Large Language Models Encode Semantics and Alignment in Linearly Separable Representations

TL;DR

This paper demonstrates that large language models encode semantic information in linearly separable, low-dimensional subspaces, which can be exploited to improve safety and alignment through geometry-aware tools.

Contribution

It provides the first large-scale empirical evidence that high-level semantics in LLMs are linearly separable, enabling new methods for alignment and safety interventions.

Findings

Semantic info resides in low-dimensional, linearly separable subspaces.

Separable representations become more distinct in deeper layers.

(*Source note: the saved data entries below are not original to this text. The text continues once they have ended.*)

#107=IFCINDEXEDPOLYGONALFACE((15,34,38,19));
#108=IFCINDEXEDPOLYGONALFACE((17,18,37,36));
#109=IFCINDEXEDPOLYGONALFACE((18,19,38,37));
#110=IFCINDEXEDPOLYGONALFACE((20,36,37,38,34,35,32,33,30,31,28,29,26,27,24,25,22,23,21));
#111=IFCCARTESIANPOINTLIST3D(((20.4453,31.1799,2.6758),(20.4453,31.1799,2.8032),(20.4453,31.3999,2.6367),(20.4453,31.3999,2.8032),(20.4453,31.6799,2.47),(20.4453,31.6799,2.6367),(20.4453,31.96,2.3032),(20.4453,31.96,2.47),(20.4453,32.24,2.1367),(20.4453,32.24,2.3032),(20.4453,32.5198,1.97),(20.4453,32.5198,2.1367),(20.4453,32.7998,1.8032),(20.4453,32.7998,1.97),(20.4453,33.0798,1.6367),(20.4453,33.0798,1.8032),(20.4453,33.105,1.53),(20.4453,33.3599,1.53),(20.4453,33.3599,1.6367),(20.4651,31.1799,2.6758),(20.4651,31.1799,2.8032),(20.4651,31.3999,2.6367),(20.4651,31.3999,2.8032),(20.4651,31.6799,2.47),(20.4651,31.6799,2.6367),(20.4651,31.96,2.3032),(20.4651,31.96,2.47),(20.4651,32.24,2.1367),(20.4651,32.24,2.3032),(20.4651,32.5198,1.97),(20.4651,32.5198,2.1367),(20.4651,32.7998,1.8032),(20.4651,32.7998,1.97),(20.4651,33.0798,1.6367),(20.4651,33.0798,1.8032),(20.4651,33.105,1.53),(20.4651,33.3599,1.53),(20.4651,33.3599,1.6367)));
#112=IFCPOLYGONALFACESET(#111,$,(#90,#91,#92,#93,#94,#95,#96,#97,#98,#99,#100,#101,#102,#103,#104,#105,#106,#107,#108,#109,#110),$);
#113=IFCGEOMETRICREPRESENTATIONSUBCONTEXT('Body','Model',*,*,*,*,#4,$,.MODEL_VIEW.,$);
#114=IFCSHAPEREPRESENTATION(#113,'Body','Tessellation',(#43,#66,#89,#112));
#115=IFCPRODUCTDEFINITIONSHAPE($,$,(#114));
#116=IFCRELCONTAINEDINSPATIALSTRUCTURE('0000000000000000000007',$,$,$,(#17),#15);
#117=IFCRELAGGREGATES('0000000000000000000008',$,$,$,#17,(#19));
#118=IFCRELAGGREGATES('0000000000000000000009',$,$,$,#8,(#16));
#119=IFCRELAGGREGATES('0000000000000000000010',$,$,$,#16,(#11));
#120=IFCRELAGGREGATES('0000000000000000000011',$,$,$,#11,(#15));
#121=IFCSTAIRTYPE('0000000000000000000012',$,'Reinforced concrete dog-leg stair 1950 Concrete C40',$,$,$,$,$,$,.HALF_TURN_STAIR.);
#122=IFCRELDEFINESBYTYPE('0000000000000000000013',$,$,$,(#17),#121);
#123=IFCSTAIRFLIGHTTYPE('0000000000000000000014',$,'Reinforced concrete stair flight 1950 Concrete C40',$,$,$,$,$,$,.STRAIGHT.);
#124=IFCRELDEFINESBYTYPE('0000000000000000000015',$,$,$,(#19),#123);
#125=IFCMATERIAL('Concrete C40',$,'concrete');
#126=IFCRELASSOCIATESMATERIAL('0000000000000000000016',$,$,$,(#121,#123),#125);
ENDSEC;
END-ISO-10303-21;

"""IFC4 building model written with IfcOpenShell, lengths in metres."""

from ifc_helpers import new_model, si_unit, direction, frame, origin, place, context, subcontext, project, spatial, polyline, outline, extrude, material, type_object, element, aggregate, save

A simple MLP probe improves safety by detecting harmful content.

Abstract

Understanding the latent space geometry of large language models (LLMs) is key to interpreting their behavior and improving alignment. Yet it remains unclear to what extent LLMs linearly organize representations related to semantic understanding. To explore this, we conduct a large-scale empirical study of hidden representations in 11 autoregressive models across six scientific topics. We find that high-level semantic information consistently resides in low-dimensional subspaces that form linearly separable representations across domains. This separability becomes more pronounced in deeper layers and under prompts that elicit structured reasoning or alignment behavior$\unicode{x2013}$even when surface content remains unchanged. These findings motivate geometry-aware tools that operate directly in latent space to detect and mitigate harmful and adversarial content. As a proof of concept, we train an MLP probe on final-layer hidden states as a lightweight latent-space guardrail. This approach substantially improves refusal rates on malicious queries and prompt injections that bypass both the model's built-in safety alignment and external token-level filters.